Maintaining the pH of the drug is important as it could affect drug stability and release of active ingredients thereby, affecting the therapeutic efficacy of the drug. Narayanaswamy et al¹⁴ compared the efficacy and safety of Xalatan with generic latanoprost in patients with primary open-angle glaucoma and found a higher IOP lowering effect of 35% with Xalatan than generic formulation. They also found increased levels of particulate matter and a higher pH compared with the branded drug. There was, however, no significant difference in incidence of conjunctival hyperemia or any other adverse events in both the groups.

This concern of therapeutic equivalence has been a matter of concern, therefore many studies have been reported in literature for various classes of drugs, namely, antibiotics, glaucoma medications, and steroids.^11-18 In a study, Weir et al,¹⁶ on comparing the content of cipro-floxacin eye drops, found that three of the five brands of generic ciprofloxacin had significant proportion of sub-optimal concentration. In a number of these preparations, antimicrobial content was low enough to have a potential impact on clinical outcome.

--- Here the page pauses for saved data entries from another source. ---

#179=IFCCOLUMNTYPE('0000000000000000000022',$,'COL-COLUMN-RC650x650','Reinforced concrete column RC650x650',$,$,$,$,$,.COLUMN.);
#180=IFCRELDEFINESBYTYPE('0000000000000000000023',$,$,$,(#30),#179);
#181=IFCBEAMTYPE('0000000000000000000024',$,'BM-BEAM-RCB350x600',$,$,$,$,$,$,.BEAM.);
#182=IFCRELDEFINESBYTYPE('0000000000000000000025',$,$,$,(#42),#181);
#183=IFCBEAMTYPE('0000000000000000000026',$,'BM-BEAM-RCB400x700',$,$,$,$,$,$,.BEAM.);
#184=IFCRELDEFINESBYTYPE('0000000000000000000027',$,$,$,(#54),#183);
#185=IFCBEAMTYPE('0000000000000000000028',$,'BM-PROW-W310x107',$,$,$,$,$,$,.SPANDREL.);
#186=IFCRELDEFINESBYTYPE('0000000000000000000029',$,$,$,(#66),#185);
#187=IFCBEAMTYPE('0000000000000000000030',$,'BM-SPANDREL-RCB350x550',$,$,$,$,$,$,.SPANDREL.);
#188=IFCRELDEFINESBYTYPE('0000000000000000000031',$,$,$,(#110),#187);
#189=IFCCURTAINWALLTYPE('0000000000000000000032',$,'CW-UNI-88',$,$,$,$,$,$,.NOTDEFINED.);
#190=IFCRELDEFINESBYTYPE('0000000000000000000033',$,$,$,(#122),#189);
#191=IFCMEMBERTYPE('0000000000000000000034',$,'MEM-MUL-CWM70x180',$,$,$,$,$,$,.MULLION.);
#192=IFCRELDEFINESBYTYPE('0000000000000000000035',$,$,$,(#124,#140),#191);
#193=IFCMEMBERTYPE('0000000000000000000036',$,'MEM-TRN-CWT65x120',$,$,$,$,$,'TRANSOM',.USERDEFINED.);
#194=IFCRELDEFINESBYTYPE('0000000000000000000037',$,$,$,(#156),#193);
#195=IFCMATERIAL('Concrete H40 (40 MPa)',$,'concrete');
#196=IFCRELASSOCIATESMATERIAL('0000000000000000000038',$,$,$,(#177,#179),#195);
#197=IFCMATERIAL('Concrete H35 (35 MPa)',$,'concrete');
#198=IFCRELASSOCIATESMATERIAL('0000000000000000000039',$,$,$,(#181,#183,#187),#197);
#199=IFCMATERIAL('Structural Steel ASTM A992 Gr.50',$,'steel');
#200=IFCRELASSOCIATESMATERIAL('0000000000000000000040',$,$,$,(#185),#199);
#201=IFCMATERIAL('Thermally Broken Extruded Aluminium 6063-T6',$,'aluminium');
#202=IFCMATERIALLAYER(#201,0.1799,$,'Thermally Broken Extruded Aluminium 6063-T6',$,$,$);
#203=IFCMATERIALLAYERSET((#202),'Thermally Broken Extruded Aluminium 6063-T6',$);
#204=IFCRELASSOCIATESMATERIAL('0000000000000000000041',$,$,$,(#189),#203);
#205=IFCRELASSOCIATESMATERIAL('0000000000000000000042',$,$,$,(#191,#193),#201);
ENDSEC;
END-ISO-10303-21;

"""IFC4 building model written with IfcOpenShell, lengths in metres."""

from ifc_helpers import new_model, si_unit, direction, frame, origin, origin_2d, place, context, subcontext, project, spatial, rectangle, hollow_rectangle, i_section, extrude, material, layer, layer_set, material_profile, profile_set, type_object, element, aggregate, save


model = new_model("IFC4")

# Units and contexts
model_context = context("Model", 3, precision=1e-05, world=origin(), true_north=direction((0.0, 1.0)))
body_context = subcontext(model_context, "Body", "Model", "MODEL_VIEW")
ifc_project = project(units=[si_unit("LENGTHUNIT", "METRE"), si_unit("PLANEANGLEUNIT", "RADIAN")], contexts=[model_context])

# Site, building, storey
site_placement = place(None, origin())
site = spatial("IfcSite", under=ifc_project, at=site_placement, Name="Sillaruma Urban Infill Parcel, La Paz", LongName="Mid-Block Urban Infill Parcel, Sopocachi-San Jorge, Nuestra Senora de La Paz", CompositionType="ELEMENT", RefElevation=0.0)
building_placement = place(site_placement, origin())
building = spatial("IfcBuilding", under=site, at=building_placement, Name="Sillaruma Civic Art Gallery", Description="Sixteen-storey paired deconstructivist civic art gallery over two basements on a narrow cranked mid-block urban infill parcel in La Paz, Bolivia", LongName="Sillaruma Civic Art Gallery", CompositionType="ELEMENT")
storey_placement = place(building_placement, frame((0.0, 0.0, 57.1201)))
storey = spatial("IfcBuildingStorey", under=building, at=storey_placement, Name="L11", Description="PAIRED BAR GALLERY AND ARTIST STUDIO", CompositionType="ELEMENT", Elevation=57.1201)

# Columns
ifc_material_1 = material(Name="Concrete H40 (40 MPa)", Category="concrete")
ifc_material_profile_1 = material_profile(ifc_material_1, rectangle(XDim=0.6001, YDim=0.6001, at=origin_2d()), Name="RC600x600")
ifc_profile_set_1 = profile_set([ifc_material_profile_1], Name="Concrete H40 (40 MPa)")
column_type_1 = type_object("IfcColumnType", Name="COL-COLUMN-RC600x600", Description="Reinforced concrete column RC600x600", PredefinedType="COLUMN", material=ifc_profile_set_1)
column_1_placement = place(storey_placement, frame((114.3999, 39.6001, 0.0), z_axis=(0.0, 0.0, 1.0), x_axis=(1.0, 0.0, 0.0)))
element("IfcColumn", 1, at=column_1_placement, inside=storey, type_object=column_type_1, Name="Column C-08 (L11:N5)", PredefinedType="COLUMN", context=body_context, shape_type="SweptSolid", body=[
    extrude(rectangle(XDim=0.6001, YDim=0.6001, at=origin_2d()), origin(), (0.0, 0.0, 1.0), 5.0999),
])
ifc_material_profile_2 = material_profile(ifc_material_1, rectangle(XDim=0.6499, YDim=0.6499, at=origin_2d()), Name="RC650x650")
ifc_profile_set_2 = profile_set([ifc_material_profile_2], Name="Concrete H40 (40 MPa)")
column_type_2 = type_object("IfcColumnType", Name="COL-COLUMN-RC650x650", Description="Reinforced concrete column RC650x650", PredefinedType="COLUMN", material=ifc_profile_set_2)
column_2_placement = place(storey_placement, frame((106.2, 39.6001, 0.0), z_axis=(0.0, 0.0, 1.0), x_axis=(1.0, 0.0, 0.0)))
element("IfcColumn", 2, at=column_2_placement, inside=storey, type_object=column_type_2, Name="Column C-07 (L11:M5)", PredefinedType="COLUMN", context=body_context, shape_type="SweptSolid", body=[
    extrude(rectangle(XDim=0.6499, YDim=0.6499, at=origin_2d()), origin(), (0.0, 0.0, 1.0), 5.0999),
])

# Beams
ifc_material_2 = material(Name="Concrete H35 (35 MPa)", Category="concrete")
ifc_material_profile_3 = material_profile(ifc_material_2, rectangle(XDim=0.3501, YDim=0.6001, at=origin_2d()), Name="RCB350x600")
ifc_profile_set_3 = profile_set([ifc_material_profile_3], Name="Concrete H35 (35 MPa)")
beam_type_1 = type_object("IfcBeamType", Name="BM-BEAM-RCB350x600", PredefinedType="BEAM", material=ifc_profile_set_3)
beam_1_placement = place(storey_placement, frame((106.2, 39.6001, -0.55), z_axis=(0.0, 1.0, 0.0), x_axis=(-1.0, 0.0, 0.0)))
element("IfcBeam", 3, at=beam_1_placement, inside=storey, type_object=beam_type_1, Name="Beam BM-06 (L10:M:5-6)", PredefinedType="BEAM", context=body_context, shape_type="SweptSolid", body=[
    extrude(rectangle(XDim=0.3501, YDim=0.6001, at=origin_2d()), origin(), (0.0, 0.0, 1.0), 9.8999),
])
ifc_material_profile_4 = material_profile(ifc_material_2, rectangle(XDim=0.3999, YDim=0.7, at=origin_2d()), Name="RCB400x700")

Kahook et al¹⁷ reported that brand name formulations contained active ingredients and BAK in concentrations that were generally in agreement with their package inserts at baseline. The two generic formulations of latanoprost evaluated were seen to contain baseline levels of active ingredients that were 10% greater than their labeled value. They also found that the generic latanoprost formulations had significant loss of active ingredient concentration after exposure to 25°C and 50°C for 30 days. Benzalkonium chloride concentrations remained stable at 25°C but decreased in some bottles at 50°C. Bottles of both generic medications had higher levels of particulate matter compared to brand name versions.

They therefore concluded that exposure to temperatures at the high end of the labeled value may lead to a significant decrease in concentration of active ingredients in generic formulations that could influence clinical efficacy. They recommended that a reevaluation of IOP lowering efficacy may be indicated in glaucoma patients switching from brand name to generic formulations.

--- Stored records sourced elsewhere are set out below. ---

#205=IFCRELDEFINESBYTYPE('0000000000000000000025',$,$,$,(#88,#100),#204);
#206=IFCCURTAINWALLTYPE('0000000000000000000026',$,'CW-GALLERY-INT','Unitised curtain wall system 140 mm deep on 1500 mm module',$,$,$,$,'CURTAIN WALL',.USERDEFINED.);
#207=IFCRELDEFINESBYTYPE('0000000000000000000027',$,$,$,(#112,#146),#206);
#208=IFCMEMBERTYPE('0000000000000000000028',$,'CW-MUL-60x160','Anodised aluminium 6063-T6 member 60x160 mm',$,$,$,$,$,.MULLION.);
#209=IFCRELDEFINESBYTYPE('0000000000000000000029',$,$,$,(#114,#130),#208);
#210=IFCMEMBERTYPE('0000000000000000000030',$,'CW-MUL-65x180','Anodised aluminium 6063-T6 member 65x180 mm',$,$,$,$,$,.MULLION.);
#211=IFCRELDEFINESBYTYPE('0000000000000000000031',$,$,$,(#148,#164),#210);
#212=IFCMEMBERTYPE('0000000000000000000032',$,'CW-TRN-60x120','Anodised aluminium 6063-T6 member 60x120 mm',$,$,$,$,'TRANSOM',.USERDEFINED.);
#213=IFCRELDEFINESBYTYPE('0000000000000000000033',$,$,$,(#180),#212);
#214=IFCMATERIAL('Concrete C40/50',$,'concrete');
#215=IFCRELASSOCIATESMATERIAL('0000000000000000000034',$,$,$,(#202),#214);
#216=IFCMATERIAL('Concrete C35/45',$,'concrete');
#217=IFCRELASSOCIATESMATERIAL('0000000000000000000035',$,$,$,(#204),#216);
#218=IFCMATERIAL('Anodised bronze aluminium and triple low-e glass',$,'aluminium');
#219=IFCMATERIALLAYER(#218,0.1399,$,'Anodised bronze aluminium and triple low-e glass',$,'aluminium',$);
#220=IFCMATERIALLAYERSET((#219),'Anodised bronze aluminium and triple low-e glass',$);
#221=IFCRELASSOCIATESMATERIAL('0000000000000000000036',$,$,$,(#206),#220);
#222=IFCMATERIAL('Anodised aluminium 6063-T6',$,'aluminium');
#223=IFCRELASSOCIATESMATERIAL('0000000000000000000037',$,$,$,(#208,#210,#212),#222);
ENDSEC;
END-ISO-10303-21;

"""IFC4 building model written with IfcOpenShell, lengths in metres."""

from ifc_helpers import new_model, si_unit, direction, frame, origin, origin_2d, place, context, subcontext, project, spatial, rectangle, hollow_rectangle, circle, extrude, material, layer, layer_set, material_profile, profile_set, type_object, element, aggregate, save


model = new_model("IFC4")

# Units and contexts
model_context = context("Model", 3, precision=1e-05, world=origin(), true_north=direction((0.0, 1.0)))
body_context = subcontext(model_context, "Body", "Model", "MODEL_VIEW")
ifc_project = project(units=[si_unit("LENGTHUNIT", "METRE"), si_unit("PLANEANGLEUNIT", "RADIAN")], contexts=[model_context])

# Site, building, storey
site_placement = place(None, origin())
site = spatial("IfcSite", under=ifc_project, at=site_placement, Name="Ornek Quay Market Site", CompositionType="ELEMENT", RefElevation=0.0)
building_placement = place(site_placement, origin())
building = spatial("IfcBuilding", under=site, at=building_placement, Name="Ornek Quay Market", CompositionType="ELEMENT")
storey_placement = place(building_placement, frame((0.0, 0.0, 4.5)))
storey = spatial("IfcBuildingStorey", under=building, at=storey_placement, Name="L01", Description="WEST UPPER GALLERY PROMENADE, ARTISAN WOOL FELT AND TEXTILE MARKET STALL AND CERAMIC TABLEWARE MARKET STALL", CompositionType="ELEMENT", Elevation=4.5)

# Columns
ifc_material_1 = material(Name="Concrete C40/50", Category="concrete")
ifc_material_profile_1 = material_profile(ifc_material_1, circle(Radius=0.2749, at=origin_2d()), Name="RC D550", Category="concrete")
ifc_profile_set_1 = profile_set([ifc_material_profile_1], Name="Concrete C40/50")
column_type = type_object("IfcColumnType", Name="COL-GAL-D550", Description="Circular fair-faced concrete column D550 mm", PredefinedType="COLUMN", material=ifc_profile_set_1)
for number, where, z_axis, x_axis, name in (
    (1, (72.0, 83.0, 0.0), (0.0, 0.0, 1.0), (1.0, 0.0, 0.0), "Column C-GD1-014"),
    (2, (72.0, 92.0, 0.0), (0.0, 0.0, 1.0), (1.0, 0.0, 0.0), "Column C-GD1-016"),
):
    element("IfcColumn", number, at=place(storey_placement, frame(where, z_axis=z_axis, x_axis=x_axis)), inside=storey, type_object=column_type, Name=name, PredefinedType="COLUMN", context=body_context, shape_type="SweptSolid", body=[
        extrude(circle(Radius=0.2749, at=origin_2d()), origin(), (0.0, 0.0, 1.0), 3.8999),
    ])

However, no such study has been performed on tra-voprost formulations.

Another study by Velpandian et al,¹⁸ done at our Centre, was on the stability of latanoprost in generic formulations using controlled degradation and patient usage simulation studies. Extreme pH conditions, oxidation, light, and heat were found to be the significant factors for high degree of latanoprost degradation. We did not evaluate the role of temperature in the present study, although high temperatures during the summer season (45°C) may impact travoprost concentrations.

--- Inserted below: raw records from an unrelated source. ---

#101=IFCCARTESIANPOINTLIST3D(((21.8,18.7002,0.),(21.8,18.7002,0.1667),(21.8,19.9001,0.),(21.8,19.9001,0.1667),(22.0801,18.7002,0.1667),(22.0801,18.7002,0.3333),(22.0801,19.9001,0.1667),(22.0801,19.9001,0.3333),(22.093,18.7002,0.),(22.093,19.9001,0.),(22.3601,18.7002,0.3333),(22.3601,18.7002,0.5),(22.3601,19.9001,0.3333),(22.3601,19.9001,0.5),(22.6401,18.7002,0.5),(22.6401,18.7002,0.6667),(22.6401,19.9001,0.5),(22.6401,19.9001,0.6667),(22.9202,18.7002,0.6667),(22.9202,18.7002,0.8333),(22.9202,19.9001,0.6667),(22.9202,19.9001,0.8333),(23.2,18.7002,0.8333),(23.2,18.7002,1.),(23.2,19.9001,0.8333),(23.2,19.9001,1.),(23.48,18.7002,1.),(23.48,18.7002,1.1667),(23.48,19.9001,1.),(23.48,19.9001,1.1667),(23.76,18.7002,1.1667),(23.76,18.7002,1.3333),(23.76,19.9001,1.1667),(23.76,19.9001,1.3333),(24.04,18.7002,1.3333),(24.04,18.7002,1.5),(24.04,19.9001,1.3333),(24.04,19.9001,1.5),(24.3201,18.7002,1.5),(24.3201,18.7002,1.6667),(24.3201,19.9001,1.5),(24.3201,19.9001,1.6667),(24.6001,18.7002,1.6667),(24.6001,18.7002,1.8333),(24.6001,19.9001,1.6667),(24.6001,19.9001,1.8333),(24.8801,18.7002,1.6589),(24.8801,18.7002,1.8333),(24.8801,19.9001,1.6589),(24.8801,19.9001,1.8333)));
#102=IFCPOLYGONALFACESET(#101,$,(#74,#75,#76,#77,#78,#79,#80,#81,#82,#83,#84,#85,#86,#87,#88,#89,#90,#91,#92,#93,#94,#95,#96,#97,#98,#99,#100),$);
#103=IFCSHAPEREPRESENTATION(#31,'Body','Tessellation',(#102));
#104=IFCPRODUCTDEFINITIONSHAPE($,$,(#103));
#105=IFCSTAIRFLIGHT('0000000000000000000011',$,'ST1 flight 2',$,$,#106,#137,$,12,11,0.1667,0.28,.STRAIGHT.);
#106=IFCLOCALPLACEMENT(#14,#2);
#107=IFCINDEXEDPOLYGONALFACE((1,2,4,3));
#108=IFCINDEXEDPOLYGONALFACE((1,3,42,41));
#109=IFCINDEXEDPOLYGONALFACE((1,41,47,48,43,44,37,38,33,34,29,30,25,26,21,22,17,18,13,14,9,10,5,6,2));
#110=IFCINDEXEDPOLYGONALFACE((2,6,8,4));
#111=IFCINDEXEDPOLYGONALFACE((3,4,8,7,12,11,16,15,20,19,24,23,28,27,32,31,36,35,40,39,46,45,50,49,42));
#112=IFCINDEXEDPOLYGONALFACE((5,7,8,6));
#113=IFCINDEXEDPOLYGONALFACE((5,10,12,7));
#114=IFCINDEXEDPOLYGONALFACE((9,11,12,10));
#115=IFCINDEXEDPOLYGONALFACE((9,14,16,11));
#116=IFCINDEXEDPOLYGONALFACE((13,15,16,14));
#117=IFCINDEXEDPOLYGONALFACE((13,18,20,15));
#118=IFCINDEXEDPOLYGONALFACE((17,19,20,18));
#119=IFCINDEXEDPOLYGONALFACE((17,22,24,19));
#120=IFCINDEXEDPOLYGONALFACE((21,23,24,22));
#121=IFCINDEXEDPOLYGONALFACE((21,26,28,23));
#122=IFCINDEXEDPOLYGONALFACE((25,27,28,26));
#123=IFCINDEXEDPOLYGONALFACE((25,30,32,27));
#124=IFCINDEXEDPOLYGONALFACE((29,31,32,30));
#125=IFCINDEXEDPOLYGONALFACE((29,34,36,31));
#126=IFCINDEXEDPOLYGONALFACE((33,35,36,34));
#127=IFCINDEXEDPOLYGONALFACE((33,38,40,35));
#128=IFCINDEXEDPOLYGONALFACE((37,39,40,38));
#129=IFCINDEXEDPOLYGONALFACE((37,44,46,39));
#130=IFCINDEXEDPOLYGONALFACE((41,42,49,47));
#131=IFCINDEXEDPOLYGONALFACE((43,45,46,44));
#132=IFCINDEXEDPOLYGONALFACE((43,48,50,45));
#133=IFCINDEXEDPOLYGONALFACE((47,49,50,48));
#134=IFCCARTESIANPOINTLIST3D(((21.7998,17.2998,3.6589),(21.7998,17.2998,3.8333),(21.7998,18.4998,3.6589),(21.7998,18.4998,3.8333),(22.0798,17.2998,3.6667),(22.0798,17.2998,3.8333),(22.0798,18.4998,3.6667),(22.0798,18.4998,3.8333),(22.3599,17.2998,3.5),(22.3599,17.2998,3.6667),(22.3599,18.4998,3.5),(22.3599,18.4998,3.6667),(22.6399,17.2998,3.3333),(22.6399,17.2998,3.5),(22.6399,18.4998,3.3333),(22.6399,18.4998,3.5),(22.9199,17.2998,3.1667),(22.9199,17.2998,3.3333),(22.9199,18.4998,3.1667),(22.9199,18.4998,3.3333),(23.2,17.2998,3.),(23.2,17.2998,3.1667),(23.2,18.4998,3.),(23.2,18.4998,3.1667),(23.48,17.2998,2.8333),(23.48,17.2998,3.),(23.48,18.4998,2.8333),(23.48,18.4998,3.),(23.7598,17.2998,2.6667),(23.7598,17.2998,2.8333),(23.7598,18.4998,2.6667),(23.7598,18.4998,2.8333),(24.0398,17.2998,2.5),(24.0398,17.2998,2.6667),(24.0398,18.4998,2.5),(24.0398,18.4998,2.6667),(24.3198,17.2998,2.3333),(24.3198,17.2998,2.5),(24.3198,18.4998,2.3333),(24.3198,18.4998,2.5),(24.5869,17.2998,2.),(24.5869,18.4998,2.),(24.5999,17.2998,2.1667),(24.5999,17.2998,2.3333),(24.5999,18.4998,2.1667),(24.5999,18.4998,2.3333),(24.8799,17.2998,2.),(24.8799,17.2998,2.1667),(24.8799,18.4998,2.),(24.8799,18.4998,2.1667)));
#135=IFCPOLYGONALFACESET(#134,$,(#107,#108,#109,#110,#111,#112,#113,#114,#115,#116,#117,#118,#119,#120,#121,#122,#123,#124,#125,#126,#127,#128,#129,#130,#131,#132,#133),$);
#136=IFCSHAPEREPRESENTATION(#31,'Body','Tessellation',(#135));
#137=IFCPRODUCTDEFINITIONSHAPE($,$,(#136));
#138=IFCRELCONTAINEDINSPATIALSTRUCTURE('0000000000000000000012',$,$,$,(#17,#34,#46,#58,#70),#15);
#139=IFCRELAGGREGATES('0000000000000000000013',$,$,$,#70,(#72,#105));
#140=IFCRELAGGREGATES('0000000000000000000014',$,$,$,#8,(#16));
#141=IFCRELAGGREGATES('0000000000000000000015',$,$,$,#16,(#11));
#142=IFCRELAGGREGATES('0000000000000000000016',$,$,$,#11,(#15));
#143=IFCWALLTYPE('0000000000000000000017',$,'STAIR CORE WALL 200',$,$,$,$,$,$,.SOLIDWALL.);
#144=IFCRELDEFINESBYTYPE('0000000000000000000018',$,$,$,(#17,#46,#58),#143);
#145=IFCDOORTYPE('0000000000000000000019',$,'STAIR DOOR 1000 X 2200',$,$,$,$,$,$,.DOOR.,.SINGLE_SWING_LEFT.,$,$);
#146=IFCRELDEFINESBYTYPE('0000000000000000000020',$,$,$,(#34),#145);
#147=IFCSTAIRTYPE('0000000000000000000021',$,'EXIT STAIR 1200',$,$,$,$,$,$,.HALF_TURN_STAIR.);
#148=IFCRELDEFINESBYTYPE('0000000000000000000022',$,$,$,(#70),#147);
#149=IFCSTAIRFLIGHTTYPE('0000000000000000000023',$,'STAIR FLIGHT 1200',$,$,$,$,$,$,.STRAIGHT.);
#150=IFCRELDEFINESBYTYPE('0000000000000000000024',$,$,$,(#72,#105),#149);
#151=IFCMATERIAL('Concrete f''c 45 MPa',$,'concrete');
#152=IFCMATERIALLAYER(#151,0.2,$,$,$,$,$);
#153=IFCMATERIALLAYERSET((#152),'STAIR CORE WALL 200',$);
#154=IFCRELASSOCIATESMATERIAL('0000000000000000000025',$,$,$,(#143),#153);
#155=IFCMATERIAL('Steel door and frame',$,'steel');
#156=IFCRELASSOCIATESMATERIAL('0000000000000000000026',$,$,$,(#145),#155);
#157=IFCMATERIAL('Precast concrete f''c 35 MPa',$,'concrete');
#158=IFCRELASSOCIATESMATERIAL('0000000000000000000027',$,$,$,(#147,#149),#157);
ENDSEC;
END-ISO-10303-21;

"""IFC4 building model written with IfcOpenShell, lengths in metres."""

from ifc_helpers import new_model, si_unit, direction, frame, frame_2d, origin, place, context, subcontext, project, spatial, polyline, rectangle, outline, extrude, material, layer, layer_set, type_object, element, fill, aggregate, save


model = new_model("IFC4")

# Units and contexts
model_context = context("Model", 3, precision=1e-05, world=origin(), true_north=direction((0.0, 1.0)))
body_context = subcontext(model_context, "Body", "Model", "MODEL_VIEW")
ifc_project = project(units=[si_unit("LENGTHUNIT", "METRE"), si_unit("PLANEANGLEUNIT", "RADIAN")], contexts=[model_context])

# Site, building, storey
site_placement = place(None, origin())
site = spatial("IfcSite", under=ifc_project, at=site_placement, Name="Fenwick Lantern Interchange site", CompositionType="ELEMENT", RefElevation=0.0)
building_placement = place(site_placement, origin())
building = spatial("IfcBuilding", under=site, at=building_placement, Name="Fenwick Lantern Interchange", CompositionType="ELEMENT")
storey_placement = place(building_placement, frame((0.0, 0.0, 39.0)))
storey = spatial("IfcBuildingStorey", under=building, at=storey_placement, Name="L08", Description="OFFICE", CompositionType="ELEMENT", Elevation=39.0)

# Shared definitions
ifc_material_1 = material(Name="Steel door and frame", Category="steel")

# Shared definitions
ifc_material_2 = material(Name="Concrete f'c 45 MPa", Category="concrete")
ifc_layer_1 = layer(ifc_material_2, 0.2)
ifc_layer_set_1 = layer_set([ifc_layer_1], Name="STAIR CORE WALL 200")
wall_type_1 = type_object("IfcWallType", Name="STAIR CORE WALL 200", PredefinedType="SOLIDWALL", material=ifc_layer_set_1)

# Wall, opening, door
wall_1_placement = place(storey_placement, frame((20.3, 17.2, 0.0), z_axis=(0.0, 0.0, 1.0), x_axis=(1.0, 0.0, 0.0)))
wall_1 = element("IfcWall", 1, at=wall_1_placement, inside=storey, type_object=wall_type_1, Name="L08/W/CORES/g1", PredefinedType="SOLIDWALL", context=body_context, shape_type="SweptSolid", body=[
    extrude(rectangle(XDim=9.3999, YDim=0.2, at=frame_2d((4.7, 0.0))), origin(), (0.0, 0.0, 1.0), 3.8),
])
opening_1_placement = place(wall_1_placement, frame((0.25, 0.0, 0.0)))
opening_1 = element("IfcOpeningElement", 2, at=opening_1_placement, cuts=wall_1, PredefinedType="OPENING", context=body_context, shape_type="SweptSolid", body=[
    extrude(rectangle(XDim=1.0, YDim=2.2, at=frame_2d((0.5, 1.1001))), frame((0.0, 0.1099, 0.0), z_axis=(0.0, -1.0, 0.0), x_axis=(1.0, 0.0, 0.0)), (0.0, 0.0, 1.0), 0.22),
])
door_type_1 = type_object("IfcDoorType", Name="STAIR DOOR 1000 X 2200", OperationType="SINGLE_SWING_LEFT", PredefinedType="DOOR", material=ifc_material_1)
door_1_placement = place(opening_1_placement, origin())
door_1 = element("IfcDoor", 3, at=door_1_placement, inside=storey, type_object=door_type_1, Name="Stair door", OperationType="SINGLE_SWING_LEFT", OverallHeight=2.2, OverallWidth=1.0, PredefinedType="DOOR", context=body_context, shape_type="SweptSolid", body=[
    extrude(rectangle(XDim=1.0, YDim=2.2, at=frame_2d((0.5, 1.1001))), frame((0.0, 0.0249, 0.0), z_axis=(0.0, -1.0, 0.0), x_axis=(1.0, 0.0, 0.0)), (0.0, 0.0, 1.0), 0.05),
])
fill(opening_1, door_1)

In conclusion, this pilot study demonstrated significant variations in the physical properties of branded generics. According to the pharmacopeia, the drug concentration should be within 10% of the labeled values, but two of the generic formulations did not meet this criterion. However, we did not perform a clinical correlation of the physical properties and the IOP lowering efficacy and, therefore, cannot comment on the impact of these physical variations in drug properties on the IOP outcomes or the side effects. This study underscores the need for a better quality control, as new generic ocular hypotensive medications become available for public use and, at the same time, reiterates the fact that physical properties of some generic formulations are at par with international standards and may serve as good substitutes for the branded versions. It must be kept in mind that not all generic glaucoma medications are comparable to the branded counterparts, even though they may still be therapeutically effective in many instances.